And the leprosy left him immediately.
Then he ordered him not to tell anyone, but
"Go, show yourself to the priest and offer for your cleansing
what Moses prescribed; that will be proof for them."
The report about him spread all the more,
and great crowds assembled to listen to him
and to be cured of their ailments,
but he would withdraw to deserted places to pray.


 I have written in the past that had Jesus healed every person that came to him in need it would still not have been enough; Jesus' mission was the reconciliation of all of creation, the destruction of sin and death themselves and not merely the  healing of this illness or that form of "demonic possession", this dimension of social dysfunction or that aspect of personal distortion or alienation. Jesus' realization that his mission has various differing priorities may have grown as he matured "in stature and grace", but gospel writers clearly recognized and convey to us he was more than a healer or exorcist.  They do this by comparing him with other healers and exorcists or by identifying him as King and Messiah; they do it by noting his refusal to heal or exorcise at times, and of course they do it by focusing on the import of Jesus' death and resurrection --- where no one was healed and nothing exorcised, but creation as a whole was reconciled to God and sin and death were transformed forever on the way to their eventual total destruction.

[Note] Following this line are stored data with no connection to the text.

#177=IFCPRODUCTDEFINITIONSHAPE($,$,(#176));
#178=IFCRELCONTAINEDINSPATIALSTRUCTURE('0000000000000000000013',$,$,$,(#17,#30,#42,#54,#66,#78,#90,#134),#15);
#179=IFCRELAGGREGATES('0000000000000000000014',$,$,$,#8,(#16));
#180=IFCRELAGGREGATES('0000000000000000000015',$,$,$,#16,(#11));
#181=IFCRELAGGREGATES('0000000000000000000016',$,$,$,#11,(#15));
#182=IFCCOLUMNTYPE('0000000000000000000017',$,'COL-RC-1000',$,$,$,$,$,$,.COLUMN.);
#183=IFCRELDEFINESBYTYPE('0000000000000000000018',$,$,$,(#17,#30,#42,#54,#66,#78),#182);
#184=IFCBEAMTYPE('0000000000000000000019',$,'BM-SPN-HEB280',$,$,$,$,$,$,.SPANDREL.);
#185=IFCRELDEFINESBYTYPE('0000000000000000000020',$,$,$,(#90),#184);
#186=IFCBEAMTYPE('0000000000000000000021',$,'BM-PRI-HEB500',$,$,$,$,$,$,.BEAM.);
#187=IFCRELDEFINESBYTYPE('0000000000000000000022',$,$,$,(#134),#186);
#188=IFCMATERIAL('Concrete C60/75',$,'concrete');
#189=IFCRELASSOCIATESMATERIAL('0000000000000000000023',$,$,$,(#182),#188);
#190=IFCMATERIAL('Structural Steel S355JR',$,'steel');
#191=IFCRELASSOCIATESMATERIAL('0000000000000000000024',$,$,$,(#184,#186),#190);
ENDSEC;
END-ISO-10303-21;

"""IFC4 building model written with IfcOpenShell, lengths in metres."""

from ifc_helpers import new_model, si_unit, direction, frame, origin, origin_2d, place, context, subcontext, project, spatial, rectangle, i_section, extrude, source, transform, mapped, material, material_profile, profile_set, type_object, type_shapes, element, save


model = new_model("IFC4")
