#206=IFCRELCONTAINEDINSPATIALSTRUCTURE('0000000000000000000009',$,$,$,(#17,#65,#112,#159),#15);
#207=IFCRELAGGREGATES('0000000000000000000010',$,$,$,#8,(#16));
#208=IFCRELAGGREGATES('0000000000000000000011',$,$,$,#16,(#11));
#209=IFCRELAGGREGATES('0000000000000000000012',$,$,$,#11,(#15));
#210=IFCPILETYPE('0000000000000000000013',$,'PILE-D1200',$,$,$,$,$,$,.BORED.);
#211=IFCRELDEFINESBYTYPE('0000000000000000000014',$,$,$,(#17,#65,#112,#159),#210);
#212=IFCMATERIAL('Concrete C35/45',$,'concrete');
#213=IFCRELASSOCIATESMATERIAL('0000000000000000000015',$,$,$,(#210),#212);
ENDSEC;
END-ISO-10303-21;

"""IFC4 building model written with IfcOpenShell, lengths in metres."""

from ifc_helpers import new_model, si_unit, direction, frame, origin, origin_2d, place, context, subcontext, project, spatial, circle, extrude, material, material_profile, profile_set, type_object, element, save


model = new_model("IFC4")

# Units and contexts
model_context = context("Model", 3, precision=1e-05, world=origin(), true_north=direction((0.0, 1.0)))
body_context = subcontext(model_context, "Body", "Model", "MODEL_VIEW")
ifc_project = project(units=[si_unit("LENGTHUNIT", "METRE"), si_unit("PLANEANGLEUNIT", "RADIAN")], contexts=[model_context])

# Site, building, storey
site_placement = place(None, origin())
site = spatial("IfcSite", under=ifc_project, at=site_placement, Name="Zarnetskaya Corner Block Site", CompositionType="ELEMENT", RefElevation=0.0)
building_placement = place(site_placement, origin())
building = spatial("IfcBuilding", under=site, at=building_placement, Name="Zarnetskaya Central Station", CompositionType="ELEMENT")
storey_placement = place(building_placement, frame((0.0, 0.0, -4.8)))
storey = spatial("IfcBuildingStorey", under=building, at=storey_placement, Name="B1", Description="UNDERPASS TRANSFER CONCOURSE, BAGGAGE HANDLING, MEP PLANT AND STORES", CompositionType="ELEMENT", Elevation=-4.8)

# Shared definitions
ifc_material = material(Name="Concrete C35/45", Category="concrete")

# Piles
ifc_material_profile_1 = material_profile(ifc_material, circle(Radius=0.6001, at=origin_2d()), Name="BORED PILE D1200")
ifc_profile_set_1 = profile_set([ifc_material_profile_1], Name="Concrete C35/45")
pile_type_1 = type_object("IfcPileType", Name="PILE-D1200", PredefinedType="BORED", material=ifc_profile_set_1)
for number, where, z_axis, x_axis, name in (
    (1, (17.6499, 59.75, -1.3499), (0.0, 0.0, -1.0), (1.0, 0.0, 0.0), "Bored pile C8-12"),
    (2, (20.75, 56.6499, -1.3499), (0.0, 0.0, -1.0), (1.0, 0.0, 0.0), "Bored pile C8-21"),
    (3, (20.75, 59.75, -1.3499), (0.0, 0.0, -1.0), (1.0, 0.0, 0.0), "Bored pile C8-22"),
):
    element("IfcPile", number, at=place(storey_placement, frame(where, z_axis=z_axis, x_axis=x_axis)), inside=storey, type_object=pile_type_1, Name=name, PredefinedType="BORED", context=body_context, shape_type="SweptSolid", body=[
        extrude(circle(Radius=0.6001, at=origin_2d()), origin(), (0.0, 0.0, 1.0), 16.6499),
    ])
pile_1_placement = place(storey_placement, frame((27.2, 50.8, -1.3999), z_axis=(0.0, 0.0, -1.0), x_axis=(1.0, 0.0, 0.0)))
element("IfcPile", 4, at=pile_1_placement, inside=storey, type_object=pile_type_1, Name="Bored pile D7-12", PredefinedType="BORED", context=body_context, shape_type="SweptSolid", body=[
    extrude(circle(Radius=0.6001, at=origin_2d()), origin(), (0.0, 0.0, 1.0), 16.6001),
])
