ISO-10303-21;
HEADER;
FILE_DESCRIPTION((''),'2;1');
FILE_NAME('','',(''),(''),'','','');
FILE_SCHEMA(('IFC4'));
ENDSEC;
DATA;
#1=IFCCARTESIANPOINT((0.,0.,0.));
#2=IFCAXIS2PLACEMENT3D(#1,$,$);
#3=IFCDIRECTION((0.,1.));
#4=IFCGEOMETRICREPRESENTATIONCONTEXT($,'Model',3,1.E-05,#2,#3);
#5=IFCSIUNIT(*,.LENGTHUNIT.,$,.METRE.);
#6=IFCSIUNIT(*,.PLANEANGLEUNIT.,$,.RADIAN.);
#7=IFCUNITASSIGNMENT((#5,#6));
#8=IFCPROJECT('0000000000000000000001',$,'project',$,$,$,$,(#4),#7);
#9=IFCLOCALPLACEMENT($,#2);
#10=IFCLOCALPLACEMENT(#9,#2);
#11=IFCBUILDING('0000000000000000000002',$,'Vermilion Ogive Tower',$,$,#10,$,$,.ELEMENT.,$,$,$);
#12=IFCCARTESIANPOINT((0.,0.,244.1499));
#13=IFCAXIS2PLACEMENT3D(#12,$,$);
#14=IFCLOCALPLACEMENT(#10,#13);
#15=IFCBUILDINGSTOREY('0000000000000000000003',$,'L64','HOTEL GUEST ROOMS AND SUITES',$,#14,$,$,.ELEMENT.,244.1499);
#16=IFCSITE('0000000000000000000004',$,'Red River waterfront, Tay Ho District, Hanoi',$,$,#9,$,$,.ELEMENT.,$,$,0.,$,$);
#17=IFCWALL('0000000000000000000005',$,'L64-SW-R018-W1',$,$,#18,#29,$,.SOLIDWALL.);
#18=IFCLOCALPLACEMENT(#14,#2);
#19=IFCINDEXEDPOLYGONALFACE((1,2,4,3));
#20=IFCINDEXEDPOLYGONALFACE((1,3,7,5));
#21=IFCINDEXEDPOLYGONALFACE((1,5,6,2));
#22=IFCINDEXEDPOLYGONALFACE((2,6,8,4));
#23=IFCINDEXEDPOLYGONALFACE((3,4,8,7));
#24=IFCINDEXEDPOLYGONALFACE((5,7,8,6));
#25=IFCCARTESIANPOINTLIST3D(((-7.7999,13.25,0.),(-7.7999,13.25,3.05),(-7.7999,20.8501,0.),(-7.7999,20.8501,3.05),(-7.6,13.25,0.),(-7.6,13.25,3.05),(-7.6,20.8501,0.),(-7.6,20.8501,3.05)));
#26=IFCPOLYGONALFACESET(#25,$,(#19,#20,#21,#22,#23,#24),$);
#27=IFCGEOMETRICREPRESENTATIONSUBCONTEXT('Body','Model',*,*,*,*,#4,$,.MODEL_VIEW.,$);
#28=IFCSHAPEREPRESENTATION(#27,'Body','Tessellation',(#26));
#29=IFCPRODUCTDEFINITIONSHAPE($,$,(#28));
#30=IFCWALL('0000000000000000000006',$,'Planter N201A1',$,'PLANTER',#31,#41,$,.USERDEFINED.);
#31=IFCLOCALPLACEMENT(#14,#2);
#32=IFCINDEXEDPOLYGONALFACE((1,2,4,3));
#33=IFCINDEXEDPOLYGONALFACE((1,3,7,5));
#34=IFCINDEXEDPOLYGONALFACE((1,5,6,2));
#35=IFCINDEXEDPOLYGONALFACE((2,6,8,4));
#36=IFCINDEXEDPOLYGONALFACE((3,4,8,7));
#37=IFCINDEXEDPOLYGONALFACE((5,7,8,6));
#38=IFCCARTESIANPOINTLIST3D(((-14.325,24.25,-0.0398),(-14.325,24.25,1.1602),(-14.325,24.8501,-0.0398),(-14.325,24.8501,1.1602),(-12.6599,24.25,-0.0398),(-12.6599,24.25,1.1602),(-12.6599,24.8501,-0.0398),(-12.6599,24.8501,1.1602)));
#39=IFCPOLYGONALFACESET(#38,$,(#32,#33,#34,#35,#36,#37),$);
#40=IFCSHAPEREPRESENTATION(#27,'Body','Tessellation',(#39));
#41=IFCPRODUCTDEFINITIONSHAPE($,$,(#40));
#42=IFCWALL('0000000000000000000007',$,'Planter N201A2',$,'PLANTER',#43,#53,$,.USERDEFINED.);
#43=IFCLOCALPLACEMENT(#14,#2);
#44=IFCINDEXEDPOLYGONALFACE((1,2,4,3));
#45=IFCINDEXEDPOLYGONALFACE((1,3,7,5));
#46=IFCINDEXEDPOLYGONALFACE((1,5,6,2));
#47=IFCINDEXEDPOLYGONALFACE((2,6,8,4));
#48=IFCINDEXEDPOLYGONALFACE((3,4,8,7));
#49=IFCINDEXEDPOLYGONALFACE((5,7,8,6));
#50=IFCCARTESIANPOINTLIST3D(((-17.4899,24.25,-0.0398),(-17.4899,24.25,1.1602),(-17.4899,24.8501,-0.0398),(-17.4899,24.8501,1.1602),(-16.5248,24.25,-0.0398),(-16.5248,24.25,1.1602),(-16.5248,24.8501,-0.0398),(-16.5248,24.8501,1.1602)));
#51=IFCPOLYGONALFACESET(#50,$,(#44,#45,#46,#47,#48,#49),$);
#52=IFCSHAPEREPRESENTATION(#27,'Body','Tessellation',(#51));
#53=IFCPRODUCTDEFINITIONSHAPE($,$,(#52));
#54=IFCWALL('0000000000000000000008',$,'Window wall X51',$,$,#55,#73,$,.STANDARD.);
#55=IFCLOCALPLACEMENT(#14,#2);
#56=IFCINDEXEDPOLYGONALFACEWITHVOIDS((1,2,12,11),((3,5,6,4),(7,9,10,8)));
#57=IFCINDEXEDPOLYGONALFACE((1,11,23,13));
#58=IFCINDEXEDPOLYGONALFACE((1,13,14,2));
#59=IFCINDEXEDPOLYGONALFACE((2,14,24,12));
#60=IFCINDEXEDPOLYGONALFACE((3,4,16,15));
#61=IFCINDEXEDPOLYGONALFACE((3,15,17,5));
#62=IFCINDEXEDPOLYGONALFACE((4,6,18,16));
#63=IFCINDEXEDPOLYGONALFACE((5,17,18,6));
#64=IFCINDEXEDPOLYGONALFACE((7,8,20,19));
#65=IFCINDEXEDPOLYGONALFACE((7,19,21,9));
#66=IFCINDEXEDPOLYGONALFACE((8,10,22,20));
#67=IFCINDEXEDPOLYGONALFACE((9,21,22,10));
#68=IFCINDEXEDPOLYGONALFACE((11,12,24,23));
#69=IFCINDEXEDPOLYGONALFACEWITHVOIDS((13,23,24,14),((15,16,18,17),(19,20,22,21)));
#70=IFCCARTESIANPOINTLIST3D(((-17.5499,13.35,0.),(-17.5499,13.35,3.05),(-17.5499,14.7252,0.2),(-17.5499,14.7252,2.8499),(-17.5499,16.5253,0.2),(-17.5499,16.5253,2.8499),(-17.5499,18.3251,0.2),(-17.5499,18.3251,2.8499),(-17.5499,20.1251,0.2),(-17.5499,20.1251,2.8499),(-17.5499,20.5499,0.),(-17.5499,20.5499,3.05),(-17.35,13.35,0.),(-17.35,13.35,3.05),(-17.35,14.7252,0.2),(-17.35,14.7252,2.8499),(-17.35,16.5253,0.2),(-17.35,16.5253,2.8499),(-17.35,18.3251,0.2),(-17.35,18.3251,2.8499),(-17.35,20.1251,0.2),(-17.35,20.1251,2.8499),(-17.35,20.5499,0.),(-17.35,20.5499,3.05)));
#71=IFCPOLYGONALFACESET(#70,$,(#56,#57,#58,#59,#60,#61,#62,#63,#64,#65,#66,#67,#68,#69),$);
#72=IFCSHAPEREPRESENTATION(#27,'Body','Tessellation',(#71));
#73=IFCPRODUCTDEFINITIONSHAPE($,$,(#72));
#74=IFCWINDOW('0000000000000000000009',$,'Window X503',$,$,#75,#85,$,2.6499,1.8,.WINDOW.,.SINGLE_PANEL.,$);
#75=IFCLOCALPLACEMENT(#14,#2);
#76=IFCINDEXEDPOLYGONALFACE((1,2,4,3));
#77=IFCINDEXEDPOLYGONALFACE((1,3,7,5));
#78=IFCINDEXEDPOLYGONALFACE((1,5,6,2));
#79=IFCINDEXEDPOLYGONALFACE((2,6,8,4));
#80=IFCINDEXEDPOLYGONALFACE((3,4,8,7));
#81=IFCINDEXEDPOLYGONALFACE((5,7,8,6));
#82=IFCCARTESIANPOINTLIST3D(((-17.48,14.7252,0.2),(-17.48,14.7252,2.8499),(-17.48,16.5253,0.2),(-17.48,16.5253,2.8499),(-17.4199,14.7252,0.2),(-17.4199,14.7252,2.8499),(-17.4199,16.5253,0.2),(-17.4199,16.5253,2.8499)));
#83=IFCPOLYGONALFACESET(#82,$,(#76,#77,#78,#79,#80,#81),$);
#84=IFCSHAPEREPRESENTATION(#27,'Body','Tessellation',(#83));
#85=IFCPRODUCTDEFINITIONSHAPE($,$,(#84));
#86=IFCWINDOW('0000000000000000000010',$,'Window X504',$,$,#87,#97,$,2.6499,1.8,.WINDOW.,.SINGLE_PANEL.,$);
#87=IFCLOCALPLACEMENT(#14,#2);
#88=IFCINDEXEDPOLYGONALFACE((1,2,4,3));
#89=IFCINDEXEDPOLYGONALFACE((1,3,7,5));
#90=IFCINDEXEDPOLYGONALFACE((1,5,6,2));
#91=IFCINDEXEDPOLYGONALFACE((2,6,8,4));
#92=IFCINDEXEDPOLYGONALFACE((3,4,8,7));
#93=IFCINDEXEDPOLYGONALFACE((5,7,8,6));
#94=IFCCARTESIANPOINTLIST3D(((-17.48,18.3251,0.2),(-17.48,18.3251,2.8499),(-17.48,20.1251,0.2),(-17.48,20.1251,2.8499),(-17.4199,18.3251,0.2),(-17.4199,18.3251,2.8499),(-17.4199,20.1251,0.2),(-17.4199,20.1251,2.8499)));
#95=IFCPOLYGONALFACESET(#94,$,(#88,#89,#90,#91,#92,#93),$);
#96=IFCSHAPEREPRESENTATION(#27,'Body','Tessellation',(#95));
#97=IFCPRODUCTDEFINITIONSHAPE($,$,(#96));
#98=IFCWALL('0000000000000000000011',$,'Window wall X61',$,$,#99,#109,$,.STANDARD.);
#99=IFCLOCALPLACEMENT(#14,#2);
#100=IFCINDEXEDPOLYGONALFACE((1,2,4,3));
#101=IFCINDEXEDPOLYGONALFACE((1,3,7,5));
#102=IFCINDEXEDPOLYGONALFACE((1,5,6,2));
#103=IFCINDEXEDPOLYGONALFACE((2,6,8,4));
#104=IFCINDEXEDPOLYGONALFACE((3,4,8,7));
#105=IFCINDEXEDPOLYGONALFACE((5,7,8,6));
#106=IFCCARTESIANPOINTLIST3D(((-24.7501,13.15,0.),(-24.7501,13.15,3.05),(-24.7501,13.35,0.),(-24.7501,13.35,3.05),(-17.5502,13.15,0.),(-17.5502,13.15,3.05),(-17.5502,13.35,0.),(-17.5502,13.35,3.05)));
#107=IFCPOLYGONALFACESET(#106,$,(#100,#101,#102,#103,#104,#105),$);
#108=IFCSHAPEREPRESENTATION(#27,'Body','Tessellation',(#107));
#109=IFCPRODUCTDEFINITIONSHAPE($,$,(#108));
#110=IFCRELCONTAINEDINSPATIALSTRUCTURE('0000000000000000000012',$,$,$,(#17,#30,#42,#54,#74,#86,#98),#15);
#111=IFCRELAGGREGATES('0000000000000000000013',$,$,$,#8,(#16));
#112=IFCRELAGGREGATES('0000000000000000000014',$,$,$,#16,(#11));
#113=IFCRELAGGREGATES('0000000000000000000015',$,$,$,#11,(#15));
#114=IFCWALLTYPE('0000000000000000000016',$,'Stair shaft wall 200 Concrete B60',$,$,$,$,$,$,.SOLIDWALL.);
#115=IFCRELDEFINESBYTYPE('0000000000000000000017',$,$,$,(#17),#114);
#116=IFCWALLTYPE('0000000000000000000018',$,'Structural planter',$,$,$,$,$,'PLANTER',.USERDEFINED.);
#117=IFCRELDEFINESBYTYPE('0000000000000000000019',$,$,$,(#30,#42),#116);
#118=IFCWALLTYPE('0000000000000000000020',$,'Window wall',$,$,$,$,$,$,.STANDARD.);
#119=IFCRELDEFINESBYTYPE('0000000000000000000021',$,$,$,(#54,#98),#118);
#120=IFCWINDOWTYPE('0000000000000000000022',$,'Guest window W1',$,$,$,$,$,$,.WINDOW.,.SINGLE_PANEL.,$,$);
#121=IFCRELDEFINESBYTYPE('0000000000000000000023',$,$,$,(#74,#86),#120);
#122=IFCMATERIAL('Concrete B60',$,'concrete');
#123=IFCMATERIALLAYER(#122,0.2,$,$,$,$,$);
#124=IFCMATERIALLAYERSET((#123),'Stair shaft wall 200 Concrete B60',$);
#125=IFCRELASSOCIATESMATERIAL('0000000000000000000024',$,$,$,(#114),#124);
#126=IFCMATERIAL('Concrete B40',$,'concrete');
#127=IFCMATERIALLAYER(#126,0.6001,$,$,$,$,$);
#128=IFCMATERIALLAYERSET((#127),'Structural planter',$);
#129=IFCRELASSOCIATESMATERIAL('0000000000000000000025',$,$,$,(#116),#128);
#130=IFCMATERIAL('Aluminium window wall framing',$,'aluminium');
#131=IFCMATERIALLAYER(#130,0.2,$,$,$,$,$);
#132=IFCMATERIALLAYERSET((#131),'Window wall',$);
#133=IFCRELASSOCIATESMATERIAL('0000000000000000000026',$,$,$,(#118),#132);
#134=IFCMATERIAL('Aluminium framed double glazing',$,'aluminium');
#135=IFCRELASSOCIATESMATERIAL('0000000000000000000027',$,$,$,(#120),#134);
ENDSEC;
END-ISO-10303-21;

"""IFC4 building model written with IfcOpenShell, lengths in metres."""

from ifc_helpers import new_model, si_unit, direction, frame, frame_2d, origin, place, context, subcontext, project, spatial, rectangle, extrude, material, layer, layer_set, type_object, element, fill, save


model = new_model("IFC4")

# Units and contexts
model_context = context("Model", 3, precision=1e-05, world=origin(), true_north=direction((0.0, 1.0)))
body_context = subcontext(model_context, "Body", "Model", "MODEL_VIEW")
ifc_project = project(units=[si_unit("LENGTHUNIT", "METRE"), si_unit("PLANEANGLEUNIT", "RADIAN")], contexts=[model_context])

# Site, building, storey
site_placement = place(None, origin())
site = spatial("IfcSite", under=ifc_project, at=site_placement, Name="Red River waterfront, Tay Ho District, Hanoi", CompositionType="ELEMENT", RefElevation=0.0)
building_placement = place(site_placement, origin())
building = spatial("IfcBuilding", under=site, at=building_placement, Name="Vermilion Ogive Tower", CompositionType="ELEMENT")
storey_placement = place(building_placement, frame((0.0, 0.0, 244.1499)))
storey = spatial("IfcBuildingStorey", under=building, at=storey_placement, Name="L64", Description="HOTEL GUEST ROOMS AND SUITES", CompositionType="ELEMENT", Elevation=244.1499)
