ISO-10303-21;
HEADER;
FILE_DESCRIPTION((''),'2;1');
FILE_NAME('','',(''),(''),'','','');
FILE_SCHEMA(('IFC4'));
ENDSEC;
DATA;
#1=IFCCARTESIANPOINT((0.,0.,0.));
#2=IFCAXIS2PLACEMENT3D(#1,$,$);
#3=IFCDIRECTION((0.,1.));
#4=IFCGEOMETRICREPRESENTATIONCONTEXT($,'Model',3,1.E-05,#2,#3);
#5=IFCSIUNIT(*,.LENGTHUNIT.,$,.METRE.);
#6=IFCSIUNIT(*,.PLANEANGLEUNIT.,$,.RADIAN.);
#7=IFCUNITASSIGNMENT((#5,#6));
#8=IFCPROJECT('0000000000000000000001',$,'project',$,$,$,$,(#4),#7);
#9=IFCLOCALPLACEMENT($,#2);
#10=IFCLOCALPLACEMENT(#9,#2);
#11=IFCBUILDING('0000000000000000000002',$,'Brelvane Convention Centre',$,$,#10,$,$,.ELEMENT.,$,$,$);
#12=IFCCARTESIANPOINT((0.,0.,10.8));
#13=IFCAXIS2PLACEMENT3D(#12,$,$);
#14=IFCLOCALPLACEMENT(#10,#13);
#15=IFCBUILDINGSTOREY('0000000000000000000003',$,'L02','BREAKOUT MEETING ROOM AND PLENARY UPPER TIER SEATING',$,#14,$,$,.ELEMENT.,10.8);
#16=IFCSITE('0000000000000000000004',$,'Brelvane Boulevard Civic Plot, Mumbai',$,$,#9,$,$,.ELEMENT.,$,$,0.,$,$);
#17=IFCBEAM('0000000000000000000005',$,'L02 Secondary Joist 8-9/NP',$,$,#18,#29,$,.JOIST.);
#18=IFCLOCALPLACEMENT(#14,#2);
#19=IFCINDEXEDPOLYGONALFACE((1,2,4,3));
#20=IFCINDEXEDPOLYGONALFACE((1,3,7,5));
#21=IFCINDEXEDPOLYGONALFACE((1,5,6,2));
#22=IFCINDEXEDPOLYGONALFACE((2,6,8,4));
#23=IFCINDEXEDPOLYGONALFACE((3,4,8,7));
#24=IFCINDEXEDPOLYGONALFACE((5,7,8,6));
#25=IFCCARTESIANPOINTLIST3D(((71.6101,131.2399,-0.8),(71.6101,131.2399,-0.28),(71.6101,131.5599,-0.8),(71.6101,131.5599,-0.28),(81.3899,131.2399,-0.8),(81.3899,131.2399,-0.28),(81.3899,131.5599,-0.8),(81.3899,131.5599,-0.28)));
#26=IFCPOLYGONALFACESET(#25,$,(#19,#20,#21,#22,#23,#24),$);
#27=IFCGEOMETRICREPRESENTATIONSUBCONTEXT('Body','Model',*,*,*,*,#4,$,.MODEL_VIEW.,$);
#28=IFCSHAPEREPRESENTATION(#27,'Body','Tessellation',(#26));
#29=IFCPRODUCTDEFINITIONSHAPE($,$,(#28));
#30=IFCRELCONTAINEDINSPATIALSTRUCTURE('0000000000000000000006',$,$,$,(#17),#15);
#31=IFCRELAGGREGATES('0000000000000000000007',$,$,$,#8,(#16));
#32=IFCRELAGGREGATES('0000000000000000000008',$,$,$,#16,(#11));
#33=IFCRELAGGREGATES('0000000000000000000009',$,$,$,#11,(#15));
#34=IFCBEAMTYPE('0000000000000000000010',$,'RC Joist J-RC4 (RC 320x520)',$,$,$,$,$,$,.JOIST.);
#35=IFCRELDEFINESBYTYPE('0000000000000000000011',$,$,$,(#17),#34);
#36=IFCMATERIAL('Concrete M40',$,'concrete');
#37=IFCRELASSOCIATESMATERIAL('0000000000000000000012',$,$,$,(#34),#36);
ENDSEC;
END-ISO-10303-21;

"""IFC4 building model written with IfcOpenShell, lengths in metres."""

from ifc_helpers import new_model, si_unit, direction, frame, origin, origin_2d, place, context, subcontext, project, spatial, rectangle, extrude, material, material_profile, profile_set, type_object, element, save


model = new_model("IFC4")

# Units and contexts
model_context = context("Model", 3, precision=1e-05, world=origin(), true_north=direction((0.0, 1.0)))
body_context = subcontext(model_context, "Body", "Model", "MODEL_VIEW")
ifc_project = project(units=[si_unit("LENGTHUNIT", "METRE"), si_unit("PLANEANGLEUNIT", "RADIAN")], contexts=[model_context])

# Site, building, storey
site_placement = place(None, origin())
site = spatial("IfcSite", under=ifc_project, at=site_placement, Name="Brelvane Boulevard Civic Plot, Mumbai", CompositionType="ELEMENT", RefElevation=0.0)
building_placement = place(site_placement, origin())
building = spatial("IfcBuilding", under=site, at=building_placement, Name="Brelvane Convention Centre", CompositionType="ELEMENT")
storey_placement = place(building_placement, frame((0.0, 0.0, 10.8)))
storey = spatial("IfcBuildingStorey", under=building, at=storey_placement, Name="L02", Description="BREAKOUT MEETING ROOM AND PLENARY UPPER TIER SEATING", CompositionType="ELEMENT", Elevation=10.8)

# Beam
ifc_material_1 = material(Name="Concrete M40", Category="concrete")
ifc_material_profile_1 = material_profile(ifc_material_1, rectangle(XDim=0.3201, YDim=0.52, at=origin_2d()), Name="RC 320x520")
ifc_profile_set_1 = profile_set([ifc_material_profile_1], Name="Concrete M40")
beam_type_1 = type_object("IfcBeamType", Name="RC Joist J-RC4 (RC 320x520)", PredefinedType="JOIST", material=ifc_profile_set_1)
for number, where, z_axis, x_axis, name in (
    (1, (71.6101, 131.3999, -0.54), (1.0, 0.0, 0.0), (0.0, 1.0, 0.0), "L02 Secondary Joist 8-9/NP"),
):
    element("IfcBeam", number, at=place(storey_placement, frame(where, z_axis=z_axis, x_axis=x_axis)), inside=storey, type_object=beam_type_1, Name=name, PredefinedType="JOIST", context=body_context, shape_type="SweptSolid", body=[
        extrude(rectangle(XDim=0.3201, YDim=0.52, at=origin_2d()), origin(), (0.0, 0.0, 1.0), 9.7798),
    ])

save(model, "model.ifc")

But the Gospel lection two Fridays ago ends with an even more surprising set of priorities. After healing a leper and having reports of this and other healing activity spreading far and wide and after crowds of people actually assemble to hear him teach and  heal Luke says, BUT he would withdraw to deserted places to pray. The coordinating conjunction "but" makes it very clear that despite the clear need for his capacity to teach and heal Jesus recognized and embraced a greater priority; crowds of people had assembled so he could minister to them nevertheless he would withdraw (meaning he would regularly withdraw even in these circumstances) to deserted places to pray. Granted, as a hermit, this clear statement of priorities is something I am sensitive to and appreciate; it is a way the gospels indirectly justify my own vocation to mainly eschew active ministry and embrace a contemplative life of prayer in the silence of solitude. At the same time it is a salutary reminder to everyone in active ministry that withdrawal (anachoresis) to the desert is a priority that must be embraced in significant ways even when crowds clamor for our teaching and mediated healing.

I think sometimes we treat Jesus' clear pattern of regular withdrawal to pray as some sort of icing on the cake of his mission --- something which adds sweetness or depth but is not strictly necessary because, after all, "he is both human and divine". But with Christmas we recognize that his mission is to be and truly allow God to be Emmanuel, God with us; this means that Jesus' prayer is the very essence of his embracing this identity because prayer is the very act of allowing God to be present to and active within us. Incarnating the Word of God demands and implies the lifetime dialogue of a human being with God. Incarnation itself is the result of this dialogue; it is the acceptance of a covenant relationship, the actual embracing of an identity as covenant reality. It is to be a person of prayer, and for Jesus, it is to the be  THE person of prayer or even  THE embodiment of God's own prayer (God's Word, plan, will, desire, the very content of God's heart) in our world.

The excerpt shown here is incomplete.